# Wanted: Great mains for a 2.1/3.1 system



## solid7 (Jan 31, 2008)

Ok, so I have a new project. Don't know much about speakers building, but have plenty of knowledge/skill in cabinet building. I'm looking for a moderately awesome setup that won't set me back a bundle. For now, this will be a 2.1 system, will add the center channel later.

My room is approximately 18 X 20, and I'm situated listening in the short direction. My TV and speakers are situated in an alcove. Think bay window, with a slightly elevated stage - apprx 8" off the floor. So I have a very open room. I have no interest in surround, as we have some other fixtures in the room that make placement difficult, at best. I'm an audiophile by no means, so we don't need the ultimate of ultimates. Just something that plays music really nicely, and can utilize the sub to spice up the occasional movie.

I already have an RL-P15 that I'll be using to make a PR sub. (5 cu ft, dual 15" PR) My receiver is a Denon 3808Ci.

I'd like to have the absolute best compromise between sound and price. I know that this is the right place to find that. So I'm just going to leave it at that, and thank everyone in advance.


----------



## Mike Edwards (Mar 10, 2011)

What is your price range for the pair of fronts?


----------



## solid7 (Jan 31, 2008)

Let's start with the best of the cheapest... I've been away for awhile, so I'm expecting a shock. 

I'll say under $300, but let's see where that goes.


----------



## Mike Edwards (Mar 10, 2011)

ok, under $300 is pushing it just a tad. especially since you want good quality ones for music. 

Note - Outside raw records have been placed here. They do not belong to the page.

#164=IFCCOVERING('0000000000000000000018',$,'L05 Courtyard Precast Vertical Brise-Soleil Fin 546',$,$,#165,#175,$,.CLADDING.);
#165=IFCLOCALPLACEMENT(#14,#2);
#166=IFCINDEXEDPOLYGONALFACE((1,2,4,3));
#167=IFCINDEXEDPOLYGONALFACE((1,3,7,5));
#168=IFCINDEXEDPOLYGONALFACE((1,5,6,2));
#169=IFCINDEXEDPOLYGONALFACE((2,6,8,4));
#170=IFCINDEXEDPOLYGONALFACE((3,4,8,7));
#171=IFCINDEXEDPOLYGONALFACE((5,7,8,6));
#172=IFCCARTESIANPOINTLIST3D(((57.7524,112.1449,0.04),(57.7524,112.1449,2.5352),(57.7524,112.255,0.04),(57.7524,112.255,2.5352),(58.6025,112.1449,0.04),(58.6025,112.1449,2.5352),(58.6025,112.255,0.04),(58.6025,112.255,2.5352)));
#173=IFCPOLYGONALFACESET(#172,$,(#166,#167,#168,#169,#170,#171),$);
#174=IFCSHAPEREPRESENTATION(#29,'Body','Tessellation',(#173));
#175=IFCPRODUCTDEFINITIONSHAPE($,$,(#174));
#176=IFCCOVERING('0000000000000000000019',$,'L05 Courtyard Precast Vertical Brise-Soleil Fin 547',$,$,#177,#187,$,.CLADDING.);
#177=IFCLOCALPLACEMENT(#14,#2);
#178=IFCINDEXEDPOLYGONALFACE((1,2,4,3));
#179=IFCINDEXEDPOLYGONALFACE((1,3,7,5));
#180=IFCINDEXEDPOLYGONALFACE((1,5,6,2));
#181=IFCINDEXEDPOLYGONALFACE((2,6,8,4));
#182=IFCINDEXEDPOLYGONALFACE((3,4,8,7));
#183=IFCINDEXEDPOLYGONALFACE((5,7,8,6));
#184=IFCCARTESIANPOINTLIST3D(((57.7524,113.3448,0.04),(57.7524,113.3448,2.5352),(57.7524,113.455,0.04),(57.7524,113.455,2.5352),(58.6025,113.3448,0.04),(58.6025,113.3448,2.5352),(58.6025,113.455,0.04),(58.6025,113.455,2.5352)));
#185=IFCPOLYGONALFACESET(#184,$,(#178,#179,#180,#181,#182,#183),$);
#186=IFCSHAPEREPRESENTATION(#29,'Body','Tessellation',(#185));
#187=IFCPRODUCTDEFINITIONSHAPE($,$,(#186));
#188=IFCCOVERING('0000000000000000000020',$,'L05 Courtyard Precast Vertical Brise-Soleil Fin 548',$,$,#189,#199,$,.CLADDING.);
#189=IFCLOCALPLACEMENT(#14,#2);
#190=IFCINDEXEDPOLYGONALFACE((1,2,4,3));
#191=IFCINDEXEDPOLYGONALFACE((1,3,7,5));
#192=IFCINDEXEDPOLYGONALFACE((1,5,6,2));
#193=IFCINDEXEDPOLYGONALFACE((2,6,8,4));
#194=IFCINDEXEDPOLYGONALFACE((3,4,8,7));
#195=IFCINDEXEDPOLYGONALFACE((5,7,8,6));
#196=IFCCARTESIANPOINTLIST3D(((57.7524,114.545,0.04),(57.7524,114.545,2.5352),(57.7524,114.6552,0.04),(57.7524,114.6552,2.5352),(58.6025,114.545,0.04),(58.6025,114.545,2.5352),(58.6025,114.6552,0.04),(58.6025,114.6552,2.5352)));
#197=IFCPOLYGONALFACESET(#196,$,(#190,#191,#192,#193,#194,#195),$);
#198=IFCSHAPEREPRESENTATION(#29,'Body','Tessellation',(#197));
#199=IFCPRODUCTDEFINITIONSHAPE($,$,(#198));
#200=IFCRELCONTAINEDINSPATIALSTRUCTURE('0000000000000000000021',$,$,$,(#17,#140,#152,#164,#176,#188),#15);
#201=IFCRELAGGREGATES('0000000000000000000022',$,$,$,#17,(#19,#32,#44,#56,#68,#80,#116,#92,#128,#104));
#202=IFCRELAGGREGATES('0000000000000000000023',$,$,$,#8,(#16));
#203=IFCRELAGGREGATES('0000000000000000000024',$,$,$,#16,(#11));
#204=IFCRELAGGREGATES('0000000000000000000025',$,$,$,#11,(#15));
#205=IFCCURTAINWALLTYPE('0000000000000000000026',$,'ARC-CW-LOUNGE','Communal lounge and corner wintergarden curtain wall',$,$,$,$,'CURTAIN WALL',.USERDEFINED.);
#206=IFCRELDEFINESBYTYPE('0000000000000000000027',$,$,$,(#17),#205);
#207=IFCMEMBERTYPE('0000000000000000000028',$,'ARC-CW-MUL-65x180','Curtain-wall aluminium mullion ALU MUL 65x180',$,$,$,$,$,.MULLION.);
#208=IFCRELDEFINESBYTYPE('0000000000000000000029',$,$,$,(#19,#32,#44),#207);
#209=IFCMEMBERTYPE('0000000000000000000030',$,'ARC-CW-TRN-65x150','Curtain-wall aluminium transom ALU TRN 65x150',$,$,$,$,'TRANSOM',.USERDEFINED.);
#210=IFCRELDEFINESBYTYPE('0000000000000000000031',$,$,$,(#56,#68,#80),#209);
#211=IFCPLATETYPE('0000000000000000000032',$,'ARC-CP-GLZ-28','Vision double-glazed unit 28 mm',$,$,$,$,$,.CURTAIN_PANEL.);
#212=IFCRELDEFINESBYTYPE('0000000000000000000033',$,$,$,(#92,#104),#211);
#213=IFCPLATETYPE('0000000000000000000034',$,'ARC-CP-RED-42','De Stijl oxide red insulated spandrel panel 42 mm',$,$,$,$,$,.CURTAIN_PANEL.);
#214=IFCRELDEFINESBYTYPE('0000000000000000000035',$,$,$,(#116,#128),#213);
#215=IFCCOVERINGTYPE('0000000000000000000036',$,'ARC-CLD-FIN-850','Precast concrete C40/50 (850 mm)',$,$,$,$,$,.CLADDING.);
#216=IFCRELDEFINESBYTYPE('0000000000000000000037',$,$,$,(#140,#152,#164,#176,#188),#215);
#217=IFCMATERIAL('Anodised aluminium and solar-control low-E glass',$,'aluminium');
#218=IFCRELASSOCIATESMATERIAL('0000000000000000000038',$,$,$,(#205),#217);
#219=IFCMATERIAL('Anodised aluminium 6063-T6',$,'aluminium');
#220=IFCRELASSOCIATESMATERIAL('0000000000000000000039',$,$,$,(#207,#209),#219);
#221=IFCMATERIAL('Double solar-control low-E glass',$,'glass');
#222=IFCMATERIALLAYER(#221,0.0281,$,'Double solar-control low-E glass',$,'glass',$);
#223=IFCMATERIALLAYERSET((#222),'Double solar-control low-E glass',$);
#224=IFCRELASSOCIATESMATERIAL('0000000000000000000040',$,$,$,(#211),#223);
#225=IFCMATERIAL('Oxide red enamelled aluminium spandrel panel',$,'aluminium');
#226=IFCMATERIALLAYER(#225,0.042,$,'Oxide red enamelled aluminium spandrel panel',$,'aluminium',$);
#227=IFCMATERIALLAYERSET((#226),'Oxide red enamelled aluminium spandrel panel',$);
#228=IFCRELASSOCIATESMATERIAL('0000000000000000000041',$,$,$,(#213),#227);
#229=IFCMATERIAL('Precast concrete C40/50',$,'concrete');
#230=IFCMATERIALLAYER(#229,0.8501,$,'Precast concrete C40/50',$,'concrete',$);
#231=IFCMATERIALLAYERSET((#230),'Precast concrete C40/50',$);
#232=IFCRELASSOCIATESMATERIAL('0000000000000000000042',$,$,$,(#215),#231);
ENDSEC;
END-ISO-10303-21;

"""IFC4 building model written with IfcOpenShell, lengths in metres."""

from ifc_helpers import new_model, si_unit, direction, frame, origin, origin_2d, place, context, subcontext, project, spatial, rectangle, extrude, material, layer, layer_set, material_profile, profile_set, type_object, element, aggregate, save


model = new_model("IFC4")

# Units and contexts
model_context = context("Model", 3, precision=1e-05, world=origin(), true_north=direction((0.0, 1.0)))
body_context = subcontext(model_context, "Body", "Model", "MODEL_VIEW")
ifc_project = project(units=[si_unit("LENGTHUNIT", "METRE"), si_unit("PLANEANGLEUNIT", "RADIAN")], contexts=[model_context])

something like the overnight sensations can be done for about $300-$350 in parts and supplies so no trouble in the price range

https://www.parts-express.com/overnight-sensations-mt-speaker-kit-pair--300-706

but if you're looking for good quality sound that will power up a room, I'd suggest something in the $500-$600 range


----------



## solid7 (Jan 31, 2008)

OK, let's entertain your suggestion on the price bump. Tell me what that gets me. Any links to builds?

Thanks for your reply.


----------



## Mike Edwards (Mar 10, 2011)

in MY personal opinion I'd say a pair of something from the SEOS group would do you EXTREMELY well. 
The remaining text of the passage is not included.